Our Inner Work of Waking Up


I got a haircut today from Win, whose family fled here from Viet Nam when she was a child. Sitting next to me in the salon was a young redhead getting an elaborate updo for an event at her son’s school.

She also said that she has one-year-old twins. I heard her telling the stylist that she has no relatives in town and that it is exhausting to care for twins. She said she had lost all of her hair due to stress postpartum.

She asked me if I had children and I said I had a grown son and that his sister had died of cancer when she was seven. Turns out she is a physician’s assistant. She asked what our daughter died of and I said rhabdomyosarcoma (a solid tumor). She winced as I told her a few details about how people ignored my grief and that some parents lied to their children, saying that Laurie had just moved out of town during the summer.

At that point her stylist said that she had lost her brother in a car accident when she was eleven. Suddenly this turned into a therapy session of sorts for all three of us.

It had a “meant-to-be” feel about it, as the young woman was so kind. I find it easy to write about my losses, but hard to actually talk about it. It feels like a lie on some level, that anyone can actually die! I think this is a survival instinct common to all human beings.

My husband’s death from multiple myeloma happened right after he turned 63. Both died at the end of a seven-year cycle. Undoubtedly, she inherited the gene from his side of the family, as Bob’s father died of multiple myeloma, also at the age of 63.

I have yet to meet anyone that has lost both a child and a spouse to incurable cancers. Being on the path has been a huge help to me. I have abandoned the need for enlightenment, which seems to be an unprovable enterprise. I love Leonard Cohen’s wisdom so much that my last airline trip was to Amsterdam, where he gave the last performance on his European leg of the tour. At age 80 he retired from the road and was dead by the age of 82.

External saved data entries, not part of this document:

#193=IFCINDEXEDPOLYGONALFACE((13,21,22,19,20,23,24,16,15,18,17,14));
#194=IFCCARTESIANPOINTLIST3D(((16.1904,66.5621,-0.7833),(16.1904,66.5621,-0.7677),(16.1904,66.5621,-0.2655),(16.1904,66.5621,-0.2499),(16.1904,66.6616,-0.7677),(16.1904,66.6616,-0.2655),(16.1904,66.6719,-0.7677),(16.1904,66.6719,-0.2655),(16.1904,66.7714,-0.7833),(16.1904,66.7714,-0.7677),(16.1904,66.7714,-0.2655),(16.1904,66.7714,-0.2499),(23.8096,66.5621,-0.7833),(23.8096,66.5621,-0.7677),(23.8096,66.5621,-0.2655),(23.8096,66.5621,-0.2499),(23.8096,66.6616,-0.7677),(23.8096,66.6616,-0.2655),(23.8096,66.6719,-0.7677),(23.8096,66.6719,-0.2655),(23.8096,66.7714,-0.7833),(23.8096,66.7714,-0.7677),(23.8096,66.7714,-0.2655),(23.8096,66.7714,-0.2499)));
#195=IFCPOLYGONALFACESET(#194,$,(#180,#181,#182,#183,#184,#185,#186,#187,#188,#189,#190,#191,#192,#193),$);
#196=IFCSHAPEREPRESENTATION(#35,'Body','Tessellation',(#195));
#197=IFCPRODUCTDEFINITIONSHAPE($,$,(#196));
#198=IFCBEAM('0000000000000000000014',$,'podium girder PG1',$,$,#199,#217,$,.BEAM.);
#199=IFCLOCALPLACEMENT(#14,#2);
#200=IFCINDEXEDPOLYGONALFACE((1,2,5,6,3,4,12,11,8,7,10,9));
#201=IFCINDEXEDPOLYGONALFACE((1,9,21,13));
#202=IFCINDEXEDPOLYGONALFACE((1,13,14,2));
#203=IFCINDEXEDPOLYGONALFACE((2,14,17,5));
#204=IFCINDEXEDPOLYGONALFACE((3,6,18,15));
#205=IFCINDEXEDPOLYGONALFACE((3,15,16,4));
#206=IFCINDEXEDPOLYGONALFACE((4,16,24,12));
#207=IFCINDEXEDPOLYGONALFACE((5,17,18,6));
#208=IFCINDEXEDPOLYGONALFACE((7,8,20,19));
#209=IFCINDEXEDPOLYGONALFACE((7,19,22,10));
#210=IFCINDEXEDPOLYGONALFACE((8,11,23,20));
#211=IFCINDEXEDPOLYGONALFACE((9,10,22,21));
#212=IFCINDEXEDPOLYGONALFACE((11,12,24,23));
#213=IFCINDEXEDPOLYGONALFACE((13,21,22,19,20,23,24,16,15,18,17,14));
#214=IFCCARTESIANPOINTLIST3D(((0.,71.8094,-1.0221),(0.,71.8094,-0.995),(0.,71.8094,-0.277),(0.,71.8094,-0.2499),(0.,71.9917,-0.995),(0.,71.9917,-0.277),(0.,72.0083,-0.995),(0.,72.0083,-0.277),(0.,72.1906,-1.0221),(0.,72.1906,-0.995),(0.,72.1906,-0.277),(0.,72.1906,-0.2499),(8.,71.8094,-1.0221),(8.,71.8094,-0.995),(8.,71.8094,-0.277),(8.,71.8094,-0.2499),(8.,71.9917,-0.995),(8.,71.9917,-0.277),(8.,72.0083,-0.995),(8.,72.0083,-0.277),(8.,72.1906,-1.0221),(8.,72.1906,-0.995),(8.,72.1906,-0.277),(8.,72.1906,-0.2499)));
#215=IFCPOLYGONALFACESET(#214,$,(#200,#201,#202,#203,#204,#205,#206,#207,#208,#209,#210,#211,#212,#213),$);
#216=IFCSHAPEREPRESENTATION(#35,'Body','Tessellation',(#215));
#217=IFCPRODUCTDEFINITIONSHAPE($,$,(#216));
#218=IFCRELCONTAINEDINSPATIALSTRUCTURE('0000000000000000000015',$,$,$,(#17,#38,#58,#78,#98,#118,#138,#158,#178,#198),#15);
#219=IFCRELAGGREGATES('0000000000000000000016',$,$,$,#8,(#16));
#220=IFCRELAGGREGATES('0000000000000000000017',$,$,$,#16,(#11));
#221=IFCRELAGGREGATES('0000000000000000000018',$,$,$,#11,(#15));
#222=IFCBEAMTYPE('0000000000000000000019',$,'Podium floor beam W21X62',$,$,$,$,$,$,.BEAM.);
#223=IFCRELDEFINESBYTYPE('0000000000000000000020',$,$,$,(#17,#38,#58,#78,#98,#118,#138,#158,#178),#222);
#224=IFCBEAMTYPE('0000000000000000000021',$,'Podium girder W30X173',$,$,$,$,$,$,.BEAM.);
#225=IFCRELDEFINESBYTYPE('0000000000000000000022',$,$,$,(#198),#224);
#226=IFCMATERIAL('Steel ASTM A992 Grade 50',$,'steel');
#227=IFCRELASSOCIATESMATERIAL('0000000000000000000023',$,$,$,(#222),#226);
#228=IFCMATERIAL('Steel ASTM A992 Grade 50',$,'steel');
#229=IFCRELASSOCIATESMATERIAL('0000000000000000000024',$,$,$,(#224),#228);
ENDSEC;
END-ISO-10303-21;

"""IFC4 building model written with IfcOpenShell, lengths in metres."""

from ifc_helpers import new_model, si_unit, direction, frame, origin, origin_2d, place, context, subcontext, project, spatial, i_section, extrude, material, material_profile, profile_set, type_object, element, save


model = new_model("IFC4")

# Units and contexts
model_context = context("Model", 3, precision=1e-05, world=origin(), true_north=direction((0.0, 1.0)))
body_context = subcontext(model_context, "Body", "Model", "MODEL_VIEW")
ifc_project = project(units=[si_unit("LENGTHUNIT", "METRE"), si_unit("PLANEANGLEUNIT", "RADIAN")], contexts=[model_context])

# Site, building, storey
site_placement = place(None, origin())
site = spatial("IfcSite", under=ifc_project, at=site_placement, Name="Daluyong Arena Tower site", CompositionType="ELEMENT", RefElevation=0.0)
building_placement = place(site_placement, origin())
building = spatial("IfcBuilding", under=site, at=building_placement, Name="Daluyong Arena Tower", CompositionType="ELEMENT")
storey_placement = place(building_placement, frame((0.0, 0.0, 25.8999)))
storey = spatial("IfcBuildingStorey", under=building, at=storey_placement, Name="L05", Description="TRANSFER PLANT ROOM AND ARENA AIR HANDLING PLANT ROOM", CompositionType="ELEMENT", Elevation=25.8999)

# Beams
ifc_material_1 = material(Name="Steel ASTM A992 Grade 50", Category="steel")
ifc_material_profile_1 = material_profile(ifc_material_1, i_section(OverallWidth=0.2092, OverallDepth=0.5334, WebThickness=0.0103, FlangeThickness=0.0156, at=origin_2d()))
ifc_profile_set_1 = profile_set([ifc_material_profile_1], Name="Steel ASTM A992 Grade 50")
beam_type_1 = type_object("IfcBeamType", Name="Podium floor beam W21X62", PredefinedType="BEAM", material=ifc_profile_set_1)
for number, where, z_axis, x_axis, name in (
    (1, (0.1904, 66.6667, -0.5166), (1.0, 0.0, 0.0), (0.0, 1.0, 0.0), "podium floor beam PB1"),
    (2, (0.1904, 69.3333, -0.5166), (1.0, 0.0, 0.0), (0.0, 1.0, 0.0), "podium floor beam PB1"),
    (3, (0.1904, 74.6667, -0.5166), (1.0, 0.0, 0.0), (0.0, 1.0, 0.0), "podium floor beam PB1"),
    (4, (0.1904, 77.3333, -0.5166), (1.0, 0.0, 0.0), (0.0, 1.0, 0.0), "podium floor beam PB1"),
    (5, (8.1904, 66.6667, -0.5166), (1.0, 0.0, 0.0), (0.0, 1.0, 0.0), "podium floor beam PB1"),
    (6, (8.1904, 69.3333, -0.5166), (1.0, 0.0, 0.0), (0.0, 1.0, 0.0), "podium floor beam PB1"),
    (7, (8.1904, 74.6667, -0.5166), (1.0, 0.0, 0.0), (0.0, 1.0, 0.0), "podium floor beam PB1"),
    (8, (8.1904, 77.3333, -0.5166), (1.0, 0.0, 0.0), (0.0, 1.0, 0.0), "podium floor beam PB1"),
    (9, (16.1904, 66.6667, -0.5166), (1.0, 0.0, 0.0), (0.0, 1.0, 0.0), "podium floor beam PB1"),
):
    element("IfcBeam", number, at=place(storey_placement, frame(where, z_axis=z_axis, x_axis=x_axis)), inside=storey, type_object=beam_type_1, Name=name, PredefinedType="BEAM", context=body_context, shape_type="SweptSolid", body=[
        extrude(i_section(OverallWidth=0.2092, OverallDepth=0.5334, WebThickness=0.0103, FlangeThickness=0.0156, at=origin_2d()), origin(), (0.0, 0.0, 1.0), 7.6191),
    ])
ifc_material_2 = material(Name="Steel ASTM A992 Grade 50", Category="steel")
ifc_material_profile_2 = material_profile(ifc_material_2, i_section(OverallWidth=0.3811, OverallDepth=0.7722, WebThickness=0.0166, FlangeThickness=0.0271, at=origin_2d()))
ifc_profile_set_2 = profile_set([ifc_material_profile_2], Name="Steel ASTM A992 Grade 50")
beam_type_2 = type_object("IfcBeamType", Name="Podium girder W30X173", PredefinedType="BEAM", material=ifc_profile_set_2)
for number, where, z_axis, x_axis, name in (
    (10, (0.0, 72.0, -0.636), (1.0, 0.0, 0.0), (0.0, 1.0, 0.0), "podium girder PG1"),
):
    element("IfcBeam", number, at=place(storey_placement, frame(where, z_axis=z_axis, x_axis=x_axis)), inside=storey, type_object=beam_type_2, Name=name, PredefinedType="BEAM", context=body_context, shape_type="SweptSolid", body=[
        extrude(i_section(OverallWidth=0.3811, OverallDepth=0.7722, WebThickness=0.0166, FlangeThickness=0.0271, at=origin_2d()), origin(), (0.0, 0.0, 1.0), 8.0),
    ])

You can see his grave in Montreal online. He was deeply loved; he had charisma, grace, a calling and a knowledge of what is true and what is false. As violence in America heats up, I am reminded of him saying, “You won’t like what comes after America.” I have been pondering this for the last few years. Cohen also said that all of his prophecies had come true. Indeed, America is circling the drain and all we can do is examine our own falseness.

There is always hope, but never for the masses. It takes energy to wake up and we spend our days ignoring the inner manna that falls while we eat from the pig’s trough of society.

What was it Christ said? “Come out from among them.” We are not doing the Hokey Pokey here; we are desperate for a pure drink of water and that water is only found within. Salut!